On sait depuis longtemps que Mallet-Joris est capable de tout. Entendez par là qu'elle réussit dans tous les genres littéraires une carrière de près de soixante ans, commencée précocement et, comme on sait, avec une audace qui offusqua l'époque. Depuis, tout fait farine au bon moulin de celle qui « aurait voulu jouer de l'accordéon » : du roman toutes directions à l'évocation historique, à l'essai, à la chronique autobiographique, à la nouvelle ou aux paroles des chansons pour Marie-Paule Belle. Ni vous sans moi, ni moi sans vous, le titre du présent roman, extrait d'un lai de Marie de France, annonce la couleur : voilà bien un roman d'amour ou, mieux encore d'amours, puisqu'il s'agit, selon les lois du genre feuilletonesque, d'une combinatoire.

Ce que le dictionnaire définit comme la « combinaison d'éléments qui, formant un ensemble, ont des positions relatives variables ». On ne saurait mieux dire. C'est au bord des étangs d'Ixelles que s'ouvre le roman. Avec vue sur la Pagode, une vaste maison composite où feu l'architecte Bram van Stockel a exprimé en même temps que sa nostalgie pour un Art nouveau, alors en perte de crédit, son amour des japonaiseries. Dans cette demeure excentrique vit aujourd'hui Marc, son « neveu » (en fait, son fils) avec Siggi Heller, fils de commerçants en bonneterie qui, bon gré, mal gré, se sont faits à cette relation homosexuelle.

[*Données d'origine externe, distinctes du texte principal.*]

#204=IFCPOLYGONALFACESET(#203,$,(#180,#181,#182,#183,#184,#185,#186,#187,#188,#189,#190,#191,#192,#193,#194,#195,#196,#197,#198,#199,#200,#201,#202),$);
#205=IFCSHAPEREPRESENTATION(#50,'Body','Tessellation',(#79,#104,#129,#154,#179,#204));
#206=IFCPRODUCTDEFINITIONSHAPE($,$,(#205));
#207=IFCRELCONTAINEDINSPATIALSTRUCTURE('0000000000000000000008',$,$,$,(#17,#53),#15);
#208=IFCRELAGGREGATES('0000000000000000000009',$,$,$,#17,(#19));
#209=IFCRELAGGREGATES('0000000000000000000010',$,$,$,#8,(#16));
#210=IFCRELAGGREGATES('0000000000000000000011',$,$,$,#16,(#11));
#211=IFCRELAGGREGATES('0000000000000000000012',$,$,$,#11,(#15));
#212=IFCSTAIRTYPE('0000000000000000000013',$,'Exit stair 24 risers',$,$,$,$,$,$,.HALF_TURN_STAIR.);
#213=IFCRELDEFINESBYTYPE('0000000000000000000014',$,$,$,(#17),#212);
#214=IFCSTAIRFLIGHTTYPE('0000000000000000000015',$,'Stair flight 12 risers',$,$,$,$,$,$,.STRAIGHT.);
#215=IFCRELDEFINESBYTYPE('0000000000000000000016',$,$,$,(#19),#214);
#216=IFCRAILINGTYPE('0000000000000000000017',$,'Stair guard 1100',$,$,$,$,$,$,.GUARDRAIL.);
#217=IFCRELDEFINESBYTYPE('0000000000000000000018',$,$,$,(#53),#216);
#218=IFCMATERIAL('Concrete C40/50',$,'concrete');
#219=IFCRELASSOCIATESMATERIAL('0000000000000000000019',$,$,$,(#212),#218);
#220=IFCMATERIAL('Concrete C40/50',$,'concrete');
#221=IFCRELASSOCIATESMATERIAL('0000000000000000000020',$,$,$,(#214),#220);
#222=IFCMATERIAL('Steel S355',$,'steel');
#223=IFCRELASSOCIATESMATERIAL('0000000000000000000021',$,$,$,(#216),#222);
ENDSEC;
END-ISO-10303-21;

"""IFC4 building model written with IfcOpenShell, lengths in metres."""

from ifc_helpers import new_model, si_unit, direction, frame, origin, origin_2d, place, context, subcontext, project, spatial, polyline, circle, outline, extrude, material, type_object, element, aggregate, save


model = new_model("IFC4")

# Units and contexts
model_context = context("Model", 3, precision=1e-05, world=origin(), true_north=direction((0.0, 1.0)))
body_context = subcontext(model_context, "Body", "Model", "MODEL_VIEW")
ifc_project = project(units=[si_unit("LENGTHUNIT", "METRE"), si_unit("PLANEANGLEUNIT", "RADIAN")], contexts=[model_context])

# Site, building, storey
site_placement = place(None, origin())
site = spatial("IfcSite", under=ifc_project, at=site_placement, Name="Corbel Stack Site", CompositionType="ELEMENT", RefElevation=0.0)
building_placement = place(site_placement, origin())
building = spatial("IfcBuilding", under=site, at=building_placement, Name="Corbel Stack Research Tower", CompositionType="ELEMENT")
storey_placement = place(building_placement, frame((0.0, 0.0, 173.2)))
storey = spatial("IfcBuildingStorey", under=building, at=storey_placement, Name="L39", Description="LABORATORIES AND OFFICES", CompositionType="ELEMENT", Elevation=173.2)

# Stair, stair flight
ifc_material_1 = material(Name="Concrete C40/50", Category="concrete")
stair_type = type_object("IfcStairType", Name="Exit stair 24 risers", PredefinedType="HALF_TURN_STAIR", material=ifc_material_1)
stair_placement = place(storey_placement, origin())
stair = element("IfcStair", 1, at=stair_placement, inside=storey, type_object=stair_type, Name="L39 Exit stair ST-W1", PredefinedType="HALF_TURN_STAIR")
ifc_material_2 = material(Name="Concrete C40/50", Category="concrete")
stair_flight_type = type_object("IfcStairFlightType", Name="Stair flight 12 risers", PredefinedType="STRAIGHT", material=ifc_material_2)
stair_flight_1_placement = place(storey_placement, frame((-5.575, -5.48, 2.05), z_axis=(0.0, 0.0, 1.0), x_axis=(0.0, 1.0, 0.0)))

Ils ont eu pour vendeuse Tania, mélange de bonne volonté et de gaucherie, vivant avec Gérald, praticien de l'immobilier et égoïste ordinaire enfoncé dans ses habitudes comme dans la musique horlogère de Vivaldi qu'il révère. Evelyne, sa femme légitime l'a quitté naguère alors que leur fille Julia était encore une enfant. On approche là un des axes majeurs de cette construction romanesque : qu'est devenue cette mère dont Gérald dit n'avoir plus de nouvelles à Julia qui veut en savoir plus ? Et pourquoi Gérald n'a-t-il jamais songé à proposer le mariage à Tania qui se morfond ? Autre foyer de fièvres en sens divers : la décision de Marc et Siggi de profiter de la toute récente loi sur le mariage des homosexuels pour passer bravement à l'acte. Si les parents de Siggi acceptent la chose, ce n'est pas le cas de Jeanne van Stockel qui introduit dans le roman une personnalité rêche et tout en aigreur. Elle est la veuve de Kobe van Stockel, père officiel de Marc et frère de Bram qui, dans un moment d'égarement, a fait cet enfant à sa belle-soeur en tout début de veuvage. L'idée, insupportable pour elle, de voir son fils « posthume » la ridiculiser publiquement par ce mariage nous vaut une scène épique, furieuse et paradoxale au cours de laquelle elle tente par tous les moyens de convaincre le prêtre, familier de la famille, de déjouer l'entreprise. En vain : « Le Père Lacaze était un homme patient et désabusé, habitué au harcèlement de mégères cultivées et opulentes (les pires !)… » et qui ne se dit pas étonné qu'avec une mère pareille, Marc ait pris les femmes en horreur. On retrouve dans ces lignes, comme à travers tout le roman et d'ailleurs toute l'œuvre de Mallet-Joris, le ton et les notations, furtives ou non, dont elle use pour brocarder l'univers conventionnel et arrogant d'une certaine bourgeoisie qu'elle a fuie d'emblée. Du reste, la topographie du roman n'est pas innocente. Elle se distribue depuis l'avenue Louise et les étangs d'Ixelles vers des quartiers plus populaires selon une logique en parfait accord avec les personnalités et l'action en cause. Dans ce microcosme romanesque, riche en développements inattendus comme en portraits subtils, et régenté par les intermittences du coeur, chacun, ou presque, finira par trouver la place méritée par sa quête de vérité et sa puissance d'amour.